An integrated assessment model for cost-effective long-term decarbonization pathways in China's iron and steel industry

Decarbonization in the iron and steel industry is critical for climate action and sustainable development. Existing research on cost-effective decarbonization technologies is limited, often overlooking optimal multi-technology strategies that balance decarbonization and economic feasibility. We developed an integrated assessment model to optimize long-term decarbonization strategies by evaluating low-carbon technologies based on decarbonization costs, penetration rates, payback times, service life, and benefit-cost ratio. The model aims to identify optimal dynamic development pathways for a series of decarbonization technologies up to 2035, minimizing both costs and carbon emissions through scenarios prioritizing emissions or costs. Under optimal pathways, the aggregate technology decarbonization potential and dynamic trends in industry CO₂ emission intensity and costs were analyzed. We examined the impacts of changes in key input parameters, leading to variable multi-technology dynamic development pathways. Our findings indicate that decarbonization costs for BF-BOF (Blast furnace-basic oxygen furnace) and EAF (Electric arc furnace) technologies range from −-0.5 to 0.4 yuan/kgCO₂ and -0.3 to −0.02 yuan/kgCO₂, demonstrating high economic viability under higher carbon prices.
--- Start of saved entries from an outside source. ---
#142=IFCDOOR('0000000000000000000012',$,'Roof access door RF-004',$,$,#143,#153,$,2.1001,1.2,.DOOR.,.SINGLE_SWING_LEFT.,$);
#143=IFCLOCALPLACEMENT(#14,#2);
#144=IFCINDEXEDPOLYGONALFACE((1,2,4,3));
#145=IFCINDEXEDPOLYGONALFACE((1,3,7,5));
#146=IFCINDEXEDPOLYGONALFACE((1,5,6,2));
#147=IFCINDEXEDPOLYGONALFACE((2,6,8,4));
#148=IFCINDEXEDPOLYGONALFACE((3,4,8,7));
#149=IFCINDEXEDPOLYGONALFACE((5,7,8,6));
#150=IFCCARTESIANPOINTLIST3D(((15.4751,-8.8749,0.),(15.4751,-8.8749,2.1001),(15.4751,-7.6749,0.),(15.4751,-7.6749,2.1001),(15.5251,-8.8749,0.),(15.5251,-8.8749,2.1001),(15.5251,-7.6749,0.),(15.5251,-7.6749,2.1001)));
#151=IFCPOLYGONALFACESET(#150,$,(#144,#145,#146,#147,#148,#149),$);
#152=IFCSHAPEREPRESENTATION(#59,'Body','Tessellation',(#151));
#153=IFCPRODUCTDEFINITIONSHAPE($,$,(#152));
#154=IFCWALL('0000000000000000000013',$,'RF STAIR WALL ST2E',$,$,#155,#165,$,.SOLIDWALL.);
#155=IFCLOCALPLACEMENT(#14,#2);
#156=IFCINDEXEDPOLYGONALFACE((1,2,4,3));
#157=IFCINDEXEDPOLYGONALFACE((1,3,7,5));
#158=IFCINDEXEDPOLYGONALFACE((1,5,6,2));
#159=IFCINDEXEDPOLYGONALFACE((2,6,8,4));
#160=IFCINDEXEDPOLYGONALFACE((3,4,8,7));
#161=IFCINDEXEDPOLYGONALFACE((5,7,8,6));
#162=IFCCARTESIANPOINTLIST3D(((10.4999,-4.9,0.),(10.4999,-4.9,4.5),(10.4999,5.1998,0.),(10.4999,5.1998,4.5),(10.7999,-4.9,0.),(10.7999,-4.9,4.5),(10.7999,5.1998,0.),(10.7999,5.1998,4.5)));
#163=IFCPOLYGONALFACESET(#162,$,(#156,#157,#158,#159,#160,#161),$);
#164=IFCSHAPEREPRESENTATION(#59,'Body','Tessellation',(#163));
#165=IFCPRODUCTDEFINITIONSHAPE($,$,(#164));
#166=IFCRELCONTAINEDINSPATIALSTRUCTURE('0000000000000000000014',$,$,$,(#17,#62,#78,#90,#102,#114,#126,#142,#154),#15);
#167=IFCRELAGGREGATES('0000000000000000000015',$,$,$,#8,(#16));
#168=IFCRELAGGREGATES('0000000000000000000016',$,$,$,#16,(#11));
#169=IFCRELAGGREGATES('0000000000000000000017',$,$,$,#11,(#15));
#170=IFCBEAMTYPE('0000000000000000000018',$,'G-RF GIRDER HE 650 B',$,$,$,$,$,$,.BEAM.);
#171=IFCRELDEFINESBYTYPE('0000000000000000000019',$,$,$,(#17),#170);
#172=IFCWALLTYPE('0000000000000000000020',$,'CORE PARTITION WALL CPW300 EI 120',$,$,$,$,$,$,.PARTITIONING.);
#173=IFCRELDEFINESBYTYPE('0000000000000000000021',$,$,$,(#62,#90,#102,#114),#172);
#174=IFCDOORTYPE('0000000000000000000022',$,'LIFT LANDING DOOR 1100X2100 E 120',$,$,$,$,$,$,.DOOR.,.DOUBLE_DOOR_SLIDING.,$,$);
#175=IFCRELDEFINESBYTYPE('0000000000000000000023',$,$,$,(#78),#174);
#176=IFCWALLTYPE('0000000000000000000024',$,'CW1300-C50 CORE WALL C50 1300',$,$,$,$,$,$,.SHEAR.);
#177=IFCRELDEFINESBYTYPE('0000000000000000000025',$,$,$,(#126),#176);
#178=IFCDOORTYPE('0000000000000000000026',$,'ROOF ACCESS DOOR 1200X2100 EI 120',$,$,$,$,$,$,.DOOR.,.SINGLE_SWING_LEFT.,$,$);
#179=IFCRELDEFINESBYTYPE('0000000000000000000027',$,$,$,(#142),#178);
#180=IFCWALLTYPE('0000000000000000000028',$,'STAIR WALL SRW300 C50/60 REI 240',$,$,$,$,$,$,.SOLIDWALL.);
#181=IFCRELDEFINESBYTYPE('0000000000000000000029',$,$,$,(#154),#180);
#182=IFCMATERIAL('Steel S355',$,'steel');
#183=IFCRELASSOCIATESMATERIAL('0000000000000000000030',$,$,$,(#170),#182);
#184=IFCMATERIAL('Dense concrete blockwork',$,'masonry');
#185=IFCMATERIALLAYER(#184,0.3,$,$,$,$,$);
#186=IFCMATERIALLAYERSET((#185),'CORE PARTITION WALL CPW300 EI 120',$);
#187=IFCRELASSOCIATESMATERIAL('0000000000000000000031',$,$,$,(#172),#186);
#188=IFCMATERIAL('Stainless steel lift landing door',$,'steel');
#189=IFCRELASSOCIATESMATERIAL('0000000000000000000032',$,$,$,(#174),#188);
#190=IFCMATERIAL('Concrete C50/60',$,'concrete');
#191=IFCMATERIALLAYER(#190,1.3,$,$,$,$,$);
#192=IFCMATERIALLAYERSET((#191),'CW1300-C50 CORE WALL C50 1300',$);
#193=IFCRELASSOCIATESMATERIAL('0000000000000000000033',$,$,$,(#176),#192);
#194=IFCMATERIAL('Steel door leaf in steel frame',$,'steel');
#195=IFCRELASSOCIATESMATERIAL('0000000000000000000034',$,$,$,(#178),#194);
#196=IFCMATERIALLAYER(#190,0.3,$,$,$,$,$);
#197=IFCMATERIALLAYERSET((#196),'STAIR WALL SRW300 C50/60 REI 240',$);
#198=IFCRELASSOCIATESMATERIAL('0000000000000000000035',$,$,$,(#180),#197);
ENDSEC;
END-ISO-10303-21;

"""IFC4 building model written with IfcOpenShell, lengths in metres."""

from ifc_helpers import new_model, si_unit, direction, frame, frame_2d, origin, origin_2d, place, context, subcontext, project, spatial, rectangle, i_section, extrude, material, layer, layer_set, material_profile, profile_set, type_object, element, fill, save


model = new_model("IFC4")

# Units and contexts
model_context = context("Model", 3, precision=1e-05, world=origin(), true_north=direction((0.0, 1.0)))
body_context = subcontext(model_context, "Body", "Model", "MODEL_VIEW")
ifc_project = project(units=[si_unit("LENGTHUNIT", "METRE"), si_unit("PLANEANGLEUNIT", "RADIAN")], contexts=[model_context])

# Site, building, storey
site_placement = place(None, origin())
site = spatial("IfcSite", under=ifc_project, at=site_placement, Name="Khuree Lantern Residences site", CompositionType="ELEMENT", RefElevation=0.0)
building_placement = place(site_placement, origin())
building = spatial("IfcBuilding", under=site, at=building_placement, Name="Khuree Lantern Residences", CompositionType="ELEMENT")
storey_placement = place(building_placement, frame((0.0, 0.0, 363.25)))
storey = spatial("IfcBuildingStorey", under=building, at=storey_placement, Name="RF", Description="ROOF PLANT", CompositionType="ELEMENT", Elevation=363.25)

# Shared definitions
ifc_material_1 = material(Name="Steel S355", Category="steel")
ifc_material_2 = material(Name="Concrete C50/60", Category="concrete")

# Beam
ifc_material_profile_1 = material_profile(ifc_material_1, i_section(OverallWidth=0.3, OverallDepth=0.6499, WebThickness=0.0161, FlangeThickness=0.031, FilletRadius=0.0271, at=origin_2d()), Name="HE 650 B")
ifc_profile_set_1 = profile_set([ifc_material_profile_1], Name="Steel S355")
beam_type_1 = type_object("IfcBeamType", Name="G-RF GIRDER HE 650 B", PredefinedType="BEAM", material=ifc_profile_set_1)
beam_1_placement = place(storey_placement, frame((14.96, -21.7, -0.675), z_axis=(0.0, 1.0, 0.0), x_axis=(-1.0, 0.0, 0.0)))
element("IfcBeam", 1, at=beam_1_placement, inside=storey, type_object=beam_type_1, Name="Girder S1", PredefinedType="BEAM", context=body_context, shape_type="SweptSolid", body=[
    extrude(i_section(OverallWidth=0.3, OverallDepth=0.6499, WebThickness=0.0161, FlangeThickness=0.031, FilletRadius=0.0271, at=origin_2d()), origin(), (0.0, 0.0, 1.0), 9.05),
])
Optimal development pathways suggest significant annual changes within BF-BOF and EAF routes, classifying technologies by cumulative decarbonization potential into advanced, moderate, and conservative categories. Future CO₂ emission intensities decrease more significantly in the EAF route, indicating a higher decarbonization capacity, while total costs increased annually due to rising emission costs and declining energy costs. The optimal multi-technology dynamic development pathways are influenced by production routes, carbon prices, and energy supply modes, with cleaner energy reducing the need for aggressive decarbonization technology adoption.